Jul 19, 2006 02:01
I was wandering through the cemetery earlier this evening (I am not the kind of person prone to visiting cemeteries of an evening, but the weather was nice, I was out for a walk and it rather led there through the meandering process that unplanned walks often take). Having been years since I was there, I took the opportunity to have a look at the rather large monument to local Victorian "grand-amateur" botanist/geologist Robert Dick.

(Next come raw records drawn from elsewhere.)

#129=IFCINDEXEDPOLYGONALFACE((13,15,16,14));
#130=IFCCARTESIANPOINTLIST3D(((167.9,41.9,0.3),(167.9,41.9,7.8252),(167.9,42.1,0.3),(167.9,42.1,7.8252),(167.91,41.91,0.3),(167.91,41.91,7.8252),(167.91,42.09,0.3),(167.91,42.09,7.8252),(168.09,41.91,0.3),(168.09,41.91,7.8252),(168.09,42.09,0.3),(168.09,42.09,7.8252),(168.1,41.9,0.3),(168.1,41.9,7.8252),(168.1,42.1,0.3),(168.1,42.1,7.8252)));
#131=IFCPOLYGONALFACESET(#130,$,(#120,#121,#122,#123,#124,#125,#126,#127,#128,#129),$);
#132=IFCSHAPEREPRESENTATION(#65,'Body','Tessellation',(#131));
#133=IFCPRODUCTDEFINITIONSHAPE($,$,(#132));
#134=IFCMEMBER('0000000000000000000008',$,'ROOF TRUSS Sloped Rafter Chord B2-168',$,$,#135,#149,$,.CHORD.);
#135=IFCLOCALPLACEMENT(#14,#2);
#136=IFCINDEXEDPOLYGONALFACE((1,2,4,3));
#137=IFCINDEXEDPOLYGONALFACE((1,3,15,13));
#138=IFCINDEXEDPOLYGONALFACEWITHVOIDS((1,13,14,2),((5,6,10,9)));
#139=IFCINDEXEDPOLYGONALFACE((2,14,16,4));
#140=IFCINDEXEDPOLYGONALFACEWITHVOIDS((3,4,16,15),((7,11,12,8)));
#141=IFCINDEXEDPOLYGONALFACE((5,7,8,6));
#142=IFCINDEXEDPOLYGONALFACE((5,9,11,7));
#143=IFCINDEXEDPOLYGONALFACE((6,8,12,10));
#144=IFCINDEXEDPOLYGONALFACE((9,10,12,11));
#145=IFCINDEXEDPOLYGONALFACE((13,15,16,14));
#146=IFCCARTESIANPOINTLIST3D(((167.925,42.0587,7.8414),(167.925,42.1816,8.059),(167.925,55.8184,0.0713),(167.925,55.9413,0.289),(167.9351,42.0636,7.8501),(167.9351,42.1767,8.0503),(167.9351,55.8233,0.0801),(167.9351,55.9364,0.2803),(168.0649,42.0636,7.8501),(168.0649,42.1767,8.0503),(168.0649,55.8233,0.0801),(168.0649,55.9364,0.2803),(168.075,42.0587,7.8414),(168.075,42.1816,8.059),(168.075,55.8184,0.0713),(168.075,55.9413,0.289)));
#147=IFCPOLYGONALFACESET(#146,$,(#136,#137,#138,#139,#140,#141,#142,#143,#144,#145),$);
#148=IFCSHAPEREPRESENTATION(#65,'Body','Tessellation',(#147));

The monument is a grey-stone obelisk about 20 or 25 feet tall, and in one of the pavement cracks at the base someone had stuck a tiny, off-pink plastic rose.
This is of no interest to anybody, save Mr Dick, and he's been dead for 139 years.
However, this led me to wonder, who exactly leaves little roses at the graves of long-dead, obscure (and unpublished) naturalists?
What kind of odd soul, with a darkly romantic disposition and an interest in Victorian geology would do such a thing? I know that Elvis' grave is a tacky shrine, the grave of Marx in Highgate is visited by many a smelly Trot, and the resting place of Jim Morrison by thousands of people still writing awful teenage poetry well into adulthood - but a rose left for a baker-turned-scientist, who died destitute if not quite forgotten (the obelisk testifies to that) is quite another thing. What if there are roses at the graves of other similarly obscure local figures all over the country? Perhaps someone has made it their mission to mark all these nearly forgotten figures one last time before the endless tsunami of popular culture drowns the history of these genuinely useful people forever.
If I have made all this up, then maybe someone should do it. Quickly, before it's too late.